En particulier, Boris Mouravieff historien tire le portrait de personnages de l’Histoire de la Russie sans pour autant se départir de son regard d’ésotériste. Ainsi, par exemple, le portrait de Catherine II fait-il directement écho, nous semble-t-il, au Chapitre XV du Tome II de Gnôsis qui, rappelons-le, transmet au lecteur « la représentation schématique, mais réaliste de la Personnalité de l’homme cultivé de no—tre temps dont le centre émotif se trouve délaissé. »

 

Voici donc l’extrait de l’article consacré à Catherine II :

Un passage des Mémoires de Catherine est particulièrement intéressant du point de vue psychologique. Serrée de tous côtés dans des circonstances difficiles — dotée d’une nature forte et passionnée, Catherine parvint à prendre vis-à-vis d’elle une position ferme, qui lui permit de maîtriser dans une grande mesure l’effet des influences sous lesquelles elle se trouvait. Elle note :

« … La fierté de mon âme et sa trempe me rendaient insupportable l’idée d’être malheureuse. Je me disais : « Le bonheur et le malheur est dans le cœur et dans l’âme de chacun , si tu sens du malheur, mets-toi au-dessus de ce malheur, et fais en sorte que ton bonheur ne dépende d’aucun événement. »

Par une telle disposition d’esprit, mise en œuvre avec toute la force de son tempérament, Catherine se rendit dans une grande mesure — sa carrière en fait la preuve — indépendante des mouvements émotifs de son cœur. C’est dire que la fierté, autrement dit les mobiles dictés par la tête, étouffèrent désormais en elle les sentiments. Il faut faire ici une distinction , il s’agit expressément des sentiments de la vie sentimentale, à ne pas confondre avec cette sensibilité dont Catherine parle, et qui est un des aspects multiples par où se manifeste la sexualité.

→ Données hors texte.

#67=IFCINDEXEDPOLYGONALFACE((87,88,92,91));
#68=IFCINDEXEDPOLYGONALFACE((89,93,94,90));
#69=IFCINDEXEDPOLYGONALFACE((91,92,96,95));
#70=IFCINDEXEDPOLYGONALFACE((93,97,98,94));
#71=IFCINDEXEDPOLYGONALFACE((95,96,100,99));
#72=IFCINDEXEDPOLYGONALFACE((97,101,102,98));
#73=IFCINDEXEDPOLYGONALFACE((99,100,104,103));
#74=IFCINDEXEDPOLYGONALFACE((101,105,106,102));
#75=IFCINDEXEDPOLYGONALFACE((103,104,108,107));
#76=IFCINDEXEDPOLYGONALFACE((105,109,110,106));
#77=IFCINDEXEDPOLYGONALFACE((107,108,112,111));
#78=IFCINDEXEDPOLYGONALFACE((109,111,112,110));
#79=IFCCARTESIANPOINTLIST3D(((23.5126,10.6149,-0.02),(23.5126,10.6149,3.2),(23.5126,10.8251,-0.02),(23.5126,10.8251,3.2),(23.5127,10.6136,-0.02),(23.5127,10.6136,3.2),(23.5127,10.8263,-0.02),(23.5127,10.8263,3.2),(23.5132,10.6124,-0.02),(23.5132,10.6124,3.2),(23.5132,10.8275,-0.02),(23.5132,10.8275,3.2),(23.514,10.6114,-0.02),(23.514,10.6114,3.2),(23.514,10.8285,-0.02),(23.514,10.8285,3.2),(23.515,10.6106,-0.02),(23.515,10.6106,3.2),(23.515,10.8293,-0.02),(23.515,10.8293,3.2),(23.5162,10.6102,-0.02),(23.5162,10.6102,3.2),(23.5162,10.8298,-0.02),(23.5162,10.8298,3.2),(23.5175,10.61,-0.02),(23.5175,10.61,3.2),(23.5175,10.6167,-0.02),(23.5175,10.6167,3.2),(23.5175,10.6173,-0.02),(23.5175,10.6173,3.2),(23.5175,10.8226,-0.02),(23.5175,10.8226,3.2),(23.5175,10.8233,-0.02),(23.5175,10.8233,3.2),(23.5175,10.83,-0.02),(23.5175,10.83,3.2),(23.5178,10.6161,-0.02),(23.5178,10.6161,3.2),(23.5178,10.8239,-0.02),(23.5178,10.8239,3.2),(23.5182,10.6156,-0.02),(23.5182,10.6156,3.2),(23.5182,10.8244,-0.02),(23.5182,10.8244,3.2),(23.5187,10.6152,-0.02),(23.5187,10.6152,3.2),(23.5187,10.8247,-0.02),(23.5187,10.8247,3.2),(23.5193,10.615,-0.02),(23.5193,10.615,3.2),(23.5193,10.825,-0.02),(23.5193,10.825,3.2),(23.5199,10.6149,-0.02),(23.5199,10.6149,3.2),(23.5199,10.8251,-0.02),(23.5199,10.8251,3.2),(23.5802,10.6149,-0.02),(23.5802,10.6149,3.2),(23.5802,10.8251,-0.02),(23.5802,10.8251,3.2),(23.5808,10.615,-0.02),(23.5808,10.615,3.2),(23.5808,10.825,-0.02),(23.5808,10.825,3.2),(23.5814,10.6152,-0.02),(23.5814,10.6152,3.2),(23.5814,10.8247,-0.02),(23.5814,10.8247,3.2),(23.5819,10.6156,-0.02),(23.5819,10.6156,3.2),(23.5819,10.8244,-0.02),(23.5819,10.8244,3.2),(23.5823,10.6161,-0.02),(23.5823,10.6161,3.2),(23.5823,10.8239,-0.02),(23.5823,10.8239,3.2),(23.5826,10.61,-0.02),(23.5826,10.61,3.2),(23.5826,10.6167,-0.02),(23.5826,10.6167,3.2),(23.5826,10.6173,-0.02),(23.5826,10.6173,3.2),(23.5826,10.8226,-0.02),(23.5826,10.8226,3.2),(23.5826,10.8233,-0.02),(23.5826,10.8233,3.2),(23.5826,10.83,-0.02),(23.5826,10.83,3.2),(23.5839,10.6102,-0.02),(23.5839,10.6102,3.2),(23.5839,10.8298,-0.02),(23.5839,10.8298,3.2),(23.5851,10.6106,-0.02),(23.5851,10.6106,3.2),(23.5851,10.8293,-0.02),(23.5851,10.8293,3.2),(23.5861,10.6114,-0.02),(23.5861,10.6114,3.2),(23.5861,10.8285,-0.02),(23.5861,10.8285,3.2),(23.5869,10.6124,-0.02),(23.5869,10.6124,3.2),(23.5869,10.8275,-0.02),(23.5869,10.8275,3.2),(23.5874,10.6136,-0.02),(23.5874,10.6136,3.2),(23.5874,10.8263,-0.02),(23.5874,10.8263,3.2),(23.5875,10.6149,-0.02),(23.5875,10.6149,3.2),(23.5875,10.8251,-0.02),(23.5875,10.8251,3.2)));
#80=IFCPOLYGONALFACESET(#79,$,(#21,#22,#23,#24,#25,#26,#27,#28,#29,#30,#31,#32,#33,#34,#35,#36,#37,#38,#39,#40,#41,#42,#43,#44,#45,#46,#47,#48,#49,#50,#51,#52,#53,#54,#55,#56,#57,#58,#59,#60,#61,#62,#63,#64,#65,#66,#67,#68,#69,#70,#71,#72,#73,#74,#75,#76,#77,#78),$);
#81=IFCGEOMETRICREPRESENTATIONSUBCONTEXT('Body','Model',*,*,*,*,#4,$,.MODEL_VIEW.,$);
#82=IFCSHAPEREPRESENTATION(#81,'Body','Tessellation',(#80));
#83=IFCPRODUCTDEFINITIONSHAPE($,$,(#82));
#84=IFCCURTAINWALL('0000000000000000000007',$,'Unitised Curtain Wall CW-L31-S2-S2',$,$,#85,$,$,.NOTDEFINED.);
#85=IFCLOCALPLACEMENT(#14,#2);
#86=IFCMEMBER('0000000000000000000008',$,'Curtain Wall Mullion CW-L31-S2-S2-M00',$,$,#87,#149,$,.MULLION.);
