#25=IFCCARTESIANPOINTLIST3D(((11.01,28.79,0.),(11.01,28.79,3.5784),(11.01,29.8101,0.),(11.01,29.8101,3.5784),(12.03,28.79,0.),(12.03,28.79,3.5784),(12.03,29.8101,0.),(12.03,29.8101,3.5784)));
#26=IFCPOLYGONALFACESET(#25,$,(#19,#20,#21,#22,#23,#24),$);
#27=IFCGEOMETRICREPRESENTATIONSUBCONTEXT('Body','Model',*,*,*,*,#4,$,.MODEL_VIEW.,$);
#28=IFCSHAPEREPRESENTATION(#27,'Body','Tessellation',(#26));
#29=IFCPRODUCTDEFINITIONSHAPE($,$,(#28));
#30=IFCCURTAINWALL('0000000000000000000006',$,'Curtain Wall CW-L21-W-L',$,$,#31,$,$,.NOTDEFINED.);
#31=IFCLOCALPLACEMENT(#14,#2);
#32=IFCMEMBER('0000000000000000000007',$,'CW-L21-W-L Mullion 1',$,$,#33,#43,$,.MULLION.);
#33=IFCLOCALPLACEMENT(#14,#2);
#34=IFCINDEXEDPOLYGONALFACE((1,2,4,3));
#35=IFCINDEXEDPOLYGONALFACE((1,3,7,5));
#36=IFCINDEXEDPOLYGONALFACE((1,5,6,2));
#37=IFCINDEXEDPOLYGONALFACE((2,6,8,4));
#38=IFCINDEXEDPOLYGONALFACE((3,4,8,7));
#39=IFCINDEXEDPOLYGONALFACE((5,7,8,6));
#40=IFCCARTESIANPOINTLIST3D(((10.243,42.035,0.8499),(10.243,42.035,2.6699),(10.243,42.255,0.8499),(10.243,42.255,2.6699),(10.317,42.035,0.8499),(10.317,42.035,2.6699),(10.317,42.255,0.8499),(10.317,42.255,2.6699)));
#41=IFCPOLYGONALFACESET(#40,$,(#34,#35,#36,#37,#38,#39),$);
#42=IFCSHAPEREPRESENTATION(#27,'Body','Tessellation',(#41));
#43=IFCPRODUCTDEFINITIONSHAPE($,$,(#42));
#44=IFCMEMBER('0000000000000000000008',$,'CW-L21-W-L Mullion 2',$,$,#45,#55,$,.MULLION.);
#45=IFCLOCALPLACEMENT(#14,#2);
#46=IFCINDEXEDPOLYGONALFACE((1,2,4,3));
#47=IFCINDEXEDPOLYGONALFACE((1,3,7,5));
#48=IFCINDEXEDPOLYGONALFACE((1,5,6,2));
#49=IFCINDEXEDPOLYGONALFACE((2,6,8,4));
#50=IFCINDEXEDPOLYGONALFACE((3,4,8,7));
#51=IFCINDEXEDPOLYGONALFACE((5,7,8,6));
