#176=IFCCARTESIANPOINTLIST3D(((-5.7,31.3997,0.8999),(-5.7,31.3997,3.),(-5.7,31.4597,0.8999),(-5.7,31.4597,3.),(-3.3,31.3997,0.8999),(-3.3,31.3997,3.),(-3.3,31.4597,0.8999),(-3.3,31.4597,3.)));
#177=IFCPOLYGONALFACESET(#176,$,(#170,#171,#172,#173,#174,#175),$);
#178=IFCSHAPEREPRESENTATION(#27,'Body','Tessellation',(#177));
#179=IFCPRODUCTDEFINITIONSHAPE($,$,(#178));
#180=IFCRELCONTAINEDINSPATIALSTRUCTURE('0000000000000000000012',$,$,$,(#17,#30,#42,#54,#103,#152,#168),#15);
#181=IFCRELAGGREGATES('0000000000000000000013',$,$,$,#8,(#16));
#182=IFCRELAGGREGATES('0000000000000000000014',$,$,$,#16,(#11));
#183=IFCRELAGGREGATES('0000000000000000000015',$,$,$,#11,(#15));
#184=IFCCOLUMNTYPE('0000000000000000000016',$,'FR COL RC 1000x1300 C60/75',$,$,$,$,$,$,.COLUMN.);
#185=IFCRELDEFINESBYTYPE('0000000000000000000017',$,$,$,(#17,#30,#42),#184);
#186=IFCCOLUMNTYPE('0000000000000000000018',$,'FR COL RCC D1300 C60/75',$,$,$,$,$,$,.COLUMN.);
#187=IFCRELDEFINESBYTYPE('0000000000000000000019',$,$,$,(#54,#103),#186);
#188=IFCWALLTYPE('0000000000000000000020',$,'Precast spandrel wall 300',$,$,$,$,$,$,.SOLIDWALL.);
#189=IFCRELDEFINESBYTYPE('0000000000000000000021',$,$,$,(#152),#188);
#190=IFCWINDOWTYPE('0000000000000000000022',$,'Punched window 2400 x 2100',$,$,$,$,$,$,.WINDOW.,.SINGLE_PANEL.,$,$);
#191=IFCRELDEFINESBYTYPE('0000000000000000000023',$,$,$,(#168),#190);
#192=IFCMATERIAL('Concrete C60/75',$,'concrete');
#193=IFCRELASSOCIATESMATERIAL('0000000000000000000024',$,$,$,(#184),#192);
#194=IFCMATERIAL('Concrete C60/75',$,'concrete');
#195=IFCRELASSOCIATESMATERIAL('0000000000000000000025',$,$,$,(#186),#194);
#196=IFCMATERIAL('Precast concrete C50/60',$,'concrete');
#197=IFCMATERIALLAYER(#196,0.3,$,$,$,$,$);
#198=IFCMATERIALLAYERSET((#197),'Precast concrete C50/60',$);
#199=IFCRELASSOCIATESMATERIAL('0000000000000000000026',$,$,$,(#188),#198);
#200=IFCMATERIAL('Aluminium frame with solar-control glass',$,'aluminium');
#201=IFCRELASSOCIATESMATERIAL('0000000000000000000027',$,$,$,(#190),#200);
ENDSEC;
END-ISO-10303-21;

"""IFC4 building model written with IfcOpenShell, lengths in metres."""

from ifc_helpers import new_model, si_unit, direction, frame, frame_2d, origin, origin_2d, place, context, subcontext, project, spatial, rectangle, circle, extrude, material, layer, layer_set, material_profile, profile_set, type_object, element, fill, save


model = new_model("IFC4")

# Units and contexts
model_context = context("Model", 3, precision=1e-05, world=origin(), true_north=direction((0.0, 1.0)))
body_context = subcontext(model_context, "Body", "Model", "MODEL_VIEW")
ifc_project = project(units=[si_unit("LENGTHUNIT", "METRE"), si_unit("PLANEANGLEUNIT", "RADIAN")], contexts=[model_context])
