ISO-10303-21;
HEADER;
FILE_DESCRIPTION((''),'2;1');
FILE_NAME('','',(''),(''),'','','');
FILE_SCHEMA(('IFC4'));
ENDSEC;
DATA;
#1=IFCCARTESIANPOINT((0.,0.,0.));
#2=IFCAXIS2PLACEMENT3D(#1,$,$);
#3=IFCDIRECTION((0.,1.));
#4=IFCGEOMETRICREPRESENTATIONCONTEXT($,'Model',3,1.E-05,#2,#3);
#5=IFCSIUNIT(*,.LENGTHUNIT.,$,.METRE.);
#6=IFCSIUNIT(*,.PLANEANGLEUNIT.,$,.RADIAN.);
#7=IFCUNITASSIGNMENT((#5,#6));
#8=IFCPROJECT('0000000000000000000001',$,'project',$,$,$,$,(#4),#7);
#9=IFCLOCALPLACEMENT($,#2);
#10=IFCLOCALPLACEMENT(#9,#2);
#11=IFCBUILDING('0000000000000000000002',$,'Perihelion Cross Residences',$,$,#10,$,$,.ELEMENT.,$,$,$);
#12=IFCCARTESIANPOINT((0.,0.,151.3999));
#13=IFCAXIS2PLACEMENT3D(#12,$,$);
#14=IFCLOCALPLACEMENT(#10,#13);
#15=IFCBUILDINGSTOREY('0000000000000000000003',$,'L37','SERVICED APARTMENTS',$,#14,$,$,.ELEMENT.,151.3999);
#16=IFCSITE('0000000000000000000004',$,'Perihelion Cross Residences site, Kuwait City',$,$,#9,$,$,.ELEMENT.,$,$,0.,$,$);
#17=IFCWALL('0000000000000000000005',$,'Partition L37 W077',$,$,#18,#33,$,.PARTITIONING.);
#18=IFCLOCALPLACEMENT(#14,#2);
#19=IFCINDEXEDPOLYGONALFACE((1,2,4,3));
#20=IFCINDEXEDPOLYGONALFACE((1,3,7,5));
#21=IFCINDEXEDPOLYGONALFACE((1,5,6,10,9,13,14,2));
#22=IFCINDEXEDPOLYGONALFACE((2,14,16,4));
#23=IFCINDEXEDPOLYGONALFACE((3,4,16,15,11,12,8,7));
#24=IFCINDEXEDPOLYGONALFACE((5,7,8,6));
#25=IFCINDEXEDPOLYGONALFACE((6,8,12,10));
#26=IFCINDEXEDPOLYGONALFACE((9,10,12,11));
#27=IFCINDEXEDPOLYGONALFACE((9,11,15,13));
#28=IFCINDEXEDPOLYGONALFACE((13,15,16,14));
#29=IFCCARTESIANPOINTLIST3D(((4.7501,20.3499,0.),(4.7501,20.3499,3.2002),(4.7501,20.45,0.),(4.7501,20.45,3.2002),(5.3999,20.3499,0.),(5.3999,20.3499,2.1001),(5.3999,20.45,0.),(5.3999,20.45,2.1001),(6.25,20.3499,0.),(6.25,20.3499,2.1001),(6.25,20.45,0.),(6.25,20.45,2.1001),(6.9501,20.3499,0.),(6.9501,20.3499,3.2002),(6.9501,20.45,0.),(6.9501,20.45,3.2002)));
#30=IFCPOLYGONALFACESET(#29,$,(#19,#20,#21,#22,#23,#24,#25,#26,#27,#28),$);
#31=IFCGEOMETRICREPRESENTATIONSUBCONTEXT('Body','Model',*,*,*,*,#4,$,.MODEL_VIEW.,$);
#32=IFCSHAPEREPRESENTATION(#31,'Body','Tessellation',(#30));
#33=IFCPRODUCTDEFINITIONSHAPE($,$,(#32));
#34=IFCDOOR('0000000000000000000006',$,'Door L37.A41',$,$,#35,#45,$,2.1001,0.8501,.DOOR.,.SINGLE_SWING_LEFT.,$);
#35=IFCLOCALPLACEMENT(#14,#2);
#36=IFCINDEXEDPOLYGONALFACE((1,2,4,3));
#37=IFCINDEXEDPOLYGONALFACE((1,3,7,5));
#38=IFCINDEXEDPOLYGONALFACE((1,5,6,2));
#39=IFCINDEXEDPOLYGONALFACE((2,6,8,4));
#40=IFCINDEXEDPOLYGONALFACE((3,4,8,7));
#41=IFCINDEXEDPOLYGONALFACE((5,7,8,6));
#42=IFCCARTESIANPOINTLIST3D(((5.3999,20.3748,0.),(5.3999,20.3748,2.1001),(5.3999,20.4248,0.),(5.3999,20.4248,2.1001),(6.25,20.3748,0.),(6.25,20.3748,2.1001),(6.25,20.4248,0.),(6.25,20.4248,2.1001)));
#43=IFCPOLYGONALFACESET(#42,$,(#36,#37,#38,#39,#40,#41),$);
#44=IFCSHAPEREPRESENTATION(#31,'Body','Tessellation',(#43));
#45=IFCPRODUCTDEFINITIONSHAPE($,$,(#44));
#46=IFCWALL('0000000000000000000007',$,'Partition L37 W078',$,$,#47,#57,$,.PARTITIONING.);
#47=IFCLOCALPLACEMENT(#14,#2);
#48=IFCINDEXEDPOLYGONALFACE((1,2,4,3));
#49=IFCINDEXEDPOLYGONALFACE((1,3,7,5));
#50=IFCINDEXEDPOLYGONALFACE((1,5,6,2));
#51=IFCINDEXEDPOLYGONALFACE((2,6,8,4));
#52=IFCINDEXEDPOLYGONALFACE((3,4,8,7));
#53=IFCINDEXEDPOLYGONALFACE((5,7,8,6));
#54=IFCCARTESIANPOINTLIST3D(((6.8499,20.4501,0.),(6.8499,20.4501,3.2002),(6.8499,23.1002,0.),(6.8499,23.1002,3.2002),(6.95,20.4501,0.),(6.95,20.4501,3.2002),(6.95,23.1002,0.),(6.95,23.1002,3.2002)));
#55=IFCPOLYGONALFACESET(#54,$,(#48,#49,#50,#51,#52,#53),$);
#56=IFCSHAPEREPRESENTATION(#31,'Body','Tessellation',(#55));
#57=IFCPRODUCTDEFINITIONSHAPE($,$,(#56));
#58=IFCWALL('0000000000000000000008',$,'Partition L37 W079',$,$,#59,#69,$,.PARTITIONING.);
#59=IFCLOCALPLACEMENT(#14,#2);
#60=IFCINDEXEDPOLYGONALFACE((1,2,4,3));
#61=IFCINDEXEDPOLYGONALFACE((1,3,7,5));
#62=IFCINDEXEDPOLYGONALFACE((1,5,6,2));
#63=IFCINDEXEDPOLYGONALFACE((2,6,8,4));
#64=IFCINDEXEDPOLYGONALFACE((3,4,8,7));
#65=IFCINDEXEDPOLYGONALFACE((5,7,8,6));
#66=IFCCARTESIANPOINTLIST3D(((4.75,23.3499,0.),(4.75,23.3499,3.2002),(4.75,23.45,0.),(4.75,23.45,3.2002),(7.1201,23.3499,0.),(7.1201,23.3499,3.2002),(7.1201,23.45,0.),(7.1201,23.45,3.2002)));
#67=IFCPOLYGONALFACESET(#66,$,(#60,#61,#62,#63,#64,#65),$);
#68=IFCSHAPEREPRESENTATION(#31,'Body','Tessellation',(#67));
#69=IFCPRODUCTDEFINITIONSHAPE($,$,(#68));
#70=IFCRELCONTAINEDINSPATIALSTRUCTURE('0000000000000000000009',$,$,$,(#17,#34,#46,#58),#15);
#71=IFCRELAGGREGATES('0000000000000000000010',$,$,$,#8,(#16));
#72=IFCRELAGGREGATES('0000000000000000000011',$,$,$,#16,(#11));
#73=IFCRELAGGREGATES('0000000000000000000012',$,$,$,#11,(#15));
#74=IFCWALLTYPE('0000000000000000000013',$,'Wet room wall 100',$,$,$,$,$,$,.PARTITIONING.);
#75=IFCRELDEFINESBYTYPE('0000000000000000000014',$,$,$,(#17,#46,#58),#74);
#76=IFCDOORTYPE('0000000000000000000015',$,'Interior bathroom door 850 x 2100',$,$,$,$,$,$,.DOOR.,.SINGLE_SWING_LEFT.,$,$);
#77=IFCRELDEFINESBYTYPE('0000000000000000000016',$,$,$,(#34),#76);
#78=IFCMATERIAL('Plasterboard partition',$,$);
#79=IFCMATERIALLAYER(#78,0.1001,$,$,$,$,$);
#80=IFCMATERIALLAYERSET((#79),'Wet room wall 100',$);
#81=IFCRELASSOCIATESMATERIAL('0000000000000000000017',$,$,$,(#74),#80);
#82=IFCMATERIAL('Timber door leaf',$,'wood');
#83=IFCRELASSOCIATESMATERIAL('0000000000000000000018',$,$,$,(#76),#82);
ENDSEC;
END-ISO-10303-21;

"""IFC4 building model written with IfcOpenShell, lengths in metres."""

from ifc_helpers import new_model, si_unit, direction, frame, frame_2d, origin, place, context, subcontext, project, spatial, rectangle, extrude, material, layer, layer_set, type_object, element, fill, save


model = new_model("IFC4")

# Units and contexts
model_context = context("Model", 3, precision=1e-05, world=origin(), true_north=direction((0.0, 1.0)))
body_context = subcontext(model_context, "Body", "Model", "MODEL_VIEW")
ifc_project = project(units=[si_unit("LENGTHUNIT", "METRE"), si_unit("PLANEANGLEUNIT", "RADIAN")], contexts=[model_context])

# Site, building, storey
site_placement = place(None, origin())
site = spatial("IfcSite", under=ifc_project, at=site_placement, Name="Perihelion Cross Residences site, Kuwait City", CompositionType="ELEMENT", RefElevation=0.0)
building_placement = place(site_placement, origin())
building = spatial("IfcBuilding", under=site, at=building_placement, Name="Perihelion Cross Residences", CompositionType="ELEMENT")
storey_placement = place(building_placement, frame((0.0, 0.0, 151.3999)))
storey = spatial("IfcBuildingStorey", under=building, at=storey_placement, Name="L37", Description="SERVICED APARTMENTS", CompositionType="ELEMENT", Elevation=151.3999)

# Shared definitions
ifc_material_1 = material(Name="Plasterboard partition")
ifc_layer_1 = layer(ifc_material_1, 0.1001)
ifc_layer_set_1 = layer_set([ifc_layer_1], Name="Wet room wall 100")
wall_type_1 = type_object("IfcWallType", Name="Wet room wall 100", PredefinedType="PARTITIONING", material=ifc_layer_set_1)

# Wall, opening, door
wall_1_placement = place(storey_placement, frame((4.75, 20.3999, 0.0), z_axis=(0.0, 0.0, 1.0), x_axis=(1.0, 0.0, 0.0)))
wall_1 = element("IfcWall", 1, at=wall_1_placement, inside=storey, type_object=wall_type_1, Name="Partition L37 W077", PredefinedType="PARTITIONING", context=body_context, shape_type="SweptSolid", body=[
    extrude(rectangle(XDim=2.2, YDim=0.1001, at=frame_2d((1.1001, 0.0))), origin(), (0.0, 0.0, 1.0), 3.2002),
])
opening_1_placement = place(wall_1_placement, frame((0.6499, 0.0, 0.0)))
opening_1 = element("IfcOpeningElement", 2, at=opening_1_placement, cuts=wall_1, PredefinedType="OPENING", context=body_context, shape_type="SweptSolid", body=[
    extrude(rectangle(XDim=0.8501, YDim=2.1001, at=frame_2d((0.425, 1.05))), frame((0.0, 0.0601, 0.0), z_axis=(0.0, -1.0, 0.0), x_axis=(1.0, 0.0, 0.0)), (0.0, 0.0, 1.0), 0.1201),
])
ifc_material_2 = material(Name="Timber door leaf", Category="wood")
door_type_1 = type_object("IfcDoorType", Name="Interior bathroom door 850 x 2100", OperationType="SINGLE_SWING_LEFT", PredefinedType="DOOR", material=ifc_material_2)
door_1_placement = place(opening_1_placement, origin())
door_1 = element("IfcDoor", 3, at=door_1_placement, inside=storey, type_object=door_type_1, Name="Door L37.A41", OperationType="SINGLE_SWING_LEFT", OverallHeight=2.1001, OverallWidth=0.8501, PredefinedType="DOOR", context=body_context, shape_type="SweptSolid", body=[
    extrude(rectangle(XDim=0.8501, YDim=2.1001, at=frame_2d((0.425, 1.05))), frame((0.0, 0.0249, 0.0), z_axis=(0.0, -1.0, 0.0), x_axis=(1.0, 0.0, 0.0)), (0.0, 0.0, 1.0), 0.05),
])
fill(opening_1, door_1)

# Walls
wall_2_placement = place(storey_placement, frame((6.8999, 20.45, 0.0), z_axis=(0.0, 0.0, 1.0), x_axis=(0.0, 1.0, 0.0)))
element("IfcWall", 4, at=wall_2_placement, inside=storey, type_object=wall_type_1, Name="Partition L37 W078", PredefinedType="PARTITIONING", context=body_context, shape_type="SweptSolid", body=[
    extrude(rectangle(XDim=2.6501, YDim=0.1001, at=frame_2d((1.3252, 0.0))), origin(), (0.0, 0.0, 1.0), 3.2002),
])
wall_3_placement = place(storey_placement, frame((4.75, 23.3999, 0.0), z_axis=(0.0, 0.0, 1.0), x_axis=(1.0, 0.0, 0.0)))
element("IfcWall", 5, at=wall_3_placement, inside=storey, type_object=wall_type_1, Name="Partition L37 W079", PredefinedType="PARTITIONING", context=body_context, shape_type="SweptSolid", body=[
    extrude(rectangle(XDim=2.3701, YDim=0.1001, at=frame_2d((1.1851, 0.0))), origin(), (0.0, 0.0, 1.0), 3.2002),
])

save(model, "model.ifc")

Nous ne sommes pas là pour juger Catherine, mais cette brève analyse psychologique nous était nécessaire pour mieux comprendre et mieux nous expliquer son « cas », ses actes et, d’une manière générale, le style qui lui est propre. Comme elle-même le fait entendre on ne peut plus explicitement, elle pratiqua sur elle-même une opération « psycho-chirurgicale » et de ce fait devint imperméable au sentiment. Elle éleva une barrière à la possibilité de se sentir malheureuse en cultivant l’indifférence tant vis-à-vis des émotions suscitées de l’extérieur que vis-à-vis des mouvements spontanés de son cœur. Et ce cœur devint froid.

Catherine ne se rendait probablement pas compte que si cet entraînement l’avait rendue insensible aux malheurs, son cœur était devenu, de ce fait même, insensible au vrai bonheur, aux sentiments élevés, en particulier à l’amour. Son « bonheur » désormais ne s’élevait plus au-dessus du niveau le plus bas des joies humaines : amour-propre, vanité, orgueil, sexualité. Lorsque le cœur s’est glacé, seuls les mobiles de la raison et des passions déterminent la conduite de l’individu. Des cas semblables d’infirmité psychique sont de tous les temps. Ils deviennent même de plus en plus fréquents avec les progrès de la civilisation technique. Les calculs de la raison peuvent être d’un raffinement extrême , les passions peuvent être vives et caractérisées par une sensitivité exquise, mais l’être humain ne saurait combler le vide qu’un cœur froid y a creusé.

Cependant, du point de vue des « affaires », cet état présente de gros avantages. Car tout est ou semble alors permis.

Telle était la philosophie de Brantôme. En examinant la conduite de Catherine dans sa vie personnelle, ses actes dans la politique intérieure et extérieure, nous trouvons sans peine que les maximes de cet Abbé du XVIe siècle devinrent celles qui régirent deux siècles plus tard la conduite de Catherine.

Extrait de l’article : « La Dynastie étrangère en Russie et la Chute de l’Empire » (VI),
paru dans la Revue Synthèses, novembre 1960, N°174, pages 101-102.